Dotan Korati grew up on Kfar Ruppin where he worked in the date palm grove. “The G-d of the kibbutzim is nature. You thank the field. You thank the plants for their bounty.” Korati, who studied with Rabbi Tor, is now a Chabad representative at  Rishon Letzion College of Management. “The people who founded the kibbutz wanted to leave the religion, and the second generation knew nothing about Judaism. Now, we, the third generation want to know.”

Adina Levy hosts Rabbi Tor’s  Kibbutz Beit HaShita Torah classes in her home. From the front yard of her ranch-style home, where a pomelo citrus tree perfumes the air, one can see Mount Gilboa. During the weekly classes, 15 friends and participants from neighboring kibbutzim gather to hear how the weekly Torah portion relates to modern life. “People here do not know Torah and we were thirsty, we want to open our minds,” said Levy. 

Levy was born to an Orthodox family of twelve children in Jerusalem. Her brothers split from the family, and Levy followed them to Kibbutz HaShita at age 15, where she lived in the children’s home. “The kibbutz is my Eden. Where else would you look and see so many shades of green, hear the birds sing, and live next to the fields of David, Jonathan and King Saul?” 

Her one regret is allowing her children to grow up in the kibbutz’s children’s home.  “It wasn’t natural. It saddens me that my children did not stay with me. Maybe because of this I am interested in returning to my roots, to my family‘s ways.”

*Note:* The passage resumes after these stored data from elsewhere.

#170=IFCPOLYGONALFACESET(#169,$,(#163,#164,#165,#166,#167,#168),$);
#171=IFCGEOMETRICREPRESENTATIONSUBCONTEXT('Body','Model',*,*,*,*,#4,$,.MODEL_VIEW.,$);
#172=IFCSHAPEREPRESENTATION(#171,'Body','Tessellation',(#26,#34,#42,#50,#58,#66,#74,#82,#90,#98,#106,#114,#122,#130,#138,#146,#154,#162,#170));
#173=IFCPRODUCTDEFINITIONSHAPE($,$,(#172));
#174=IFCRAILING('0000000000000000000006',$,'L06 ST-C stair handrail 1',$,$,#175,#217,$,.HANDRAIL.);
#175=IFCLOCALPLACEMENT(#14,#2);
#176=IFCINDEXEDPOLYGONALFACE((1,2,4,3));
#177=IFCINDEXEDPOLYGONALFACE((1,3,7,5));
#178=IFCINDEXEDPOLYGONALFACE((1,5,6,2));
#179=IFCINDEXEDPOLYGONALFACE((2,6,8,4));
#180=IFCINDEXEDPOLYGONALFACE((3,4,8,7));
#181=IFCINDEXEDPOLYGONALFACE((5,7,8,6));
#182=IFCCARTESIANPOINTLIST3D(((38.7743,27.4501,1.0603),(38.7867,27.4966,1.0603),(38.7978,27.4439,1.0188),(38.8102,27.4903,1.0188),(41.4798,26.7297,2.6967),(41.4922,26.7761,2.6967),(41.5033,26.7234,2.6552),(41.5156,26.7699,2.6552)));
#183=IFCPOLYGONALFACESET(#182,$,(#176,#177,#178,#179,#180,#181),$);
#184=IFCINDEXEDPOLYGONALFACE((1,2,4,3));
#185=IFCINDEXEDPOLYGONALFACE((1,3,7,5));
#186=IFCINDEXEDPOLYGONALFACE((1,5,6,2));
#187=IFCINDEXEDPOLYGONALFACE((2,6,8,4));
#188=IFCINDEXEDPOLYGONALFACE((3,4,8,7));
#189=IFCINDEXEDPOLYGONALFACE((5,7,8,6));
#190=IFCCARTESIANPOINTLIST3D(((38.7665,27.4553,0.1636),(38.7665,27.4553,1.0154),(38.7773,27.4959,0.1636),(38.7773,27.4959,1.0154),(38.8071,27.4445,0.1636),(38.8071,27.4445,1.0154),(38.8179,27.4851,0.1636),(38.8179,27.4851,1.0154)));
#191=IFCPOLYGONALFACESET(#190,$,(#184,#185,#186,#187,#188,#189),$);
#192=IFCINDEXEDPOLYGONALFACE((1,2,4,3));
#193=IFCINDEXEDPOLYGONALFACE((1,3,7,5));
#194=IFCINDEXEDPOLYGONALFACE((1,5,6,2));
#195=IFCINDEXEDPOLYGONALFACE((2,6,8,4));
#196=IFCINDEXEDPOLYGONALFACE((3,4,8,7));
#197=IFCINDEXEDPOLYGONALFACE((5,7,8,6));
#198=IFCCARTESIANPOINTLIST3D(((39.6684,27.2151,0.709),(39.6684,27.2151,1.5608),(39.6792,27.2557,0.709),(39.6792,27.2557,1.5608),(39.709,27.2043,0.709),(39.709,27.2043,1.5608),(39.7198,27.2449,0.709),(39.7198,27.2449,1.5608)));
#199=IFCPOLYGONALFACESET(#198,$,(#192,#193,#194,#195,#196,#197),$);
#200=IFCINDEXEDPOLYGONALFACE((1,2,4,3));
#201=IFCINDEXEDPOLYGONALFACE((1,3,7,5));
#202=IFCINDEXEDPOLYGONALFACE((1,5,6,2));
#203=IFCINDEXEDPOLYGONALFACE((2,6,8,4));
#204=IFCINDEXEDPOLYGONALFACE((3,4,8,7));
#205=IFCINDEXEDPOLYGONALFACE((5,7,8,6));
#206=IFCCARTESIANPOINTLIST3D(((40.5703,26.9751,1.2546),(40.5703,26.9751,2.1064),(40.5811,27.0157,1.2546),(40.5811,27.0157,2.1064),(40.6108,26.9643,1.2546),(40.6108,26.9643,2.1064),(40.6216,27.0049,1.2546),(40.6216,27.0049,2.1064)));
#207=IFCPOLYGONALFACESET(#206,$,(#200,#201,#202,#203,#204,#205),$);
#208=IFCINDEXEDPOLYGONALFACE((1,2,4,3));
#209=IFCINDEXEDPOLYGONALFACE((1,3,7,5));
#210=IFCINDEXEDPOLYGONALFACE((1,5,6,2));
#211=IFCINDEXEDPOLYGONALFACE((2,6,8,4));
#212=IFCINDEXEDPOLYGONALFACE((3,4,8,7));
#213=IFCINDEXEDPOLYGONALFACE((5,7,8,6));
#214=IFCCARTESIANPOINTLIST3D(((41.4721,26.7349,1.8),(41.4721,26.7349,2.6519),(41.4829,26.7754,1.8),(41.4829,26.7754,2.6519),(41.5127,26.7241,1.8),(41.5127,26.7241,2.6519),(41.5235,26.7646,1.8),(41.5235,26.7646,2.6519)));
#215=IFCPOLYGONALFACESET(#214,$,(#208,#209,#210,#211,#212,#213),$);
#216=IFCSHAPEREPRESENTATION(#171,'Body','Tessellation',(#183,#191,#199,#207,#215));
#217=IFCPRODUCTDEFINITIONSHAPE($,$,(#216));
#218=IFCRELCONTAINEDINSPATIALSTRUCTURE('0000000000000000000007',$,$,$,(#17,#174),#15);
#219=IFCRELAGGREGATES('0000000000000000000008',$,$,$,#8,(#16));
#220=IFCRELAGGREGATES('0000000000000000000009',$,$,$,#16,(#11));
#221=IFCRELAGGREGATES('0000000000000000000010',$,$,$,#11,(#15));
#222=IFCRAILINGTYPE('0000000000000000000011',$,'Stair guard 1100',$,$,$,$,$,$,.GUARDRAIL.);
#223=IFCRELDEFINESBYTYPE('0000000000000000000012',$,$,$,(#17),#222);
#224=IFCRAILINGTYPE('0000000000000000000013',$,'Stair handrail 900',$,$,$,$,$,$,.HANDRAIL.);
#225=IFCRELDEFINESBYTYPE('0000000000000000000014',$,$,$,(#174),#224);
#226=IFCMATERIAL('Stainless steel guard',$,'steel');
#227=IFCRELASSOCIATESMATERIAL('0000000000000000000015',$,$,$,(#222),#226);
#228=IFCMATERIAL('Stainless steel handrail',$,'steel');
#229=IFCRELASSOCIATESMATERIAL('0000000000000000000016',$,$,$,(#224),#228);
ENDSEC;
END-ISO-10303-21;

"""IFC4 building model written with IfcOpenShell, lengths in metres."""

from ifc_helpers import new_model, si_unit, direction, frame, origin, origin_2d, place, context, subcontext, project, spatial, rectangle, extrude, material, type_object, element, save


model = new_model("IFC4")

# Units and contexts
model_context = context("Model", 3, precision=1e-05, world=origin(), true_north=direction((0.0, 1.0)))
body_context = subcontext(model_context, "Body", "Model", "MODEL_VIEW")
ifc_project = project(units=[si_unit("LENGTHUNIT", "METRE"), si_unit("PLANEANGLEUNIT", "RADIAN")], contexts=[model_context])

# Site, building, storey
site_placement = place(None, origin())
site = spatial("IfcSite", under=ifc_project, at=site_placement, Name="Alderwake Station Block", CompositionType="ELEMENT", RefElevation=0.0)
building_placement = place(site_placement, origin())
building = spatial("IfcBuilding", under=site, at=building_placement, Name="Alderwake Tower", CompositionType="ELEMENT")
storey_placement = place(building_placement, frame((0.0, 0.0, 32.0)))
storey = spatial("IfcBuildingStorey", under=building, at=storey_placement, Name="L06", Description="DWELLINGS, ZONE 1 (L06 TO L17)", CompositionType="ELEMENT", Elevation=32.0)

Three of Levy’s five children have adopted a more observant lifestyle. They are part of a micro trend in which the children of secular kibbutzim are embracing religious practice, while the kibbutzim at large are becoming more open to Jewish study and observance. 

Seven years ago, Kibbutz Nachshonim, in central Israel, put an end to its annual Yom Kippur barbecue. Instead, each year the kibbutz invites a guest rabbi to lead services on the Day of Atonement. “Kibbutzniks who become more religious are a statistic. Every kibbutz that I know in Israel has at least one,” said Korati.

Change is not without opposition. Three years ago, Beit Alfa’s dining hall stopped serving dinner on Yom Kippur, which “caused an uproar,” according to Lev. Although kibbutz life is no longer purely socialist, the tradition of collective decision making remains strong. “People are afraid that if their neighbor stops driving on Shabbat, then they will be coerced into keeping the streets quiet on Shabbat. One person’s decision affects the other.” 

At Beit HaShita, when Levy invited a neighbor to join High Holiday services he replied that he would be riding his motorcycle in front of the gathering place and rev the motor to drown out the prayers. “People think that if we start praying then we start a synagogue, and then people will no longer be free to do as they choose,” she said.

Korati recalls that his mother-in-law was, initially, adamantly opposed to his increasingly observant lifestyle. Eventually she asked Rabbi Tor to kosher her kitchen so that Korati and his wife would eat in her home. Though his mother-in-law is not observant, seeing Korati’s lifestyle up close has changed her attitude. 

“She says Chabad is the closest to the kibbutz mindset. Chabad and the kibbutz view all people as equal, and both see the world not as it is, but how it is supposed to be.”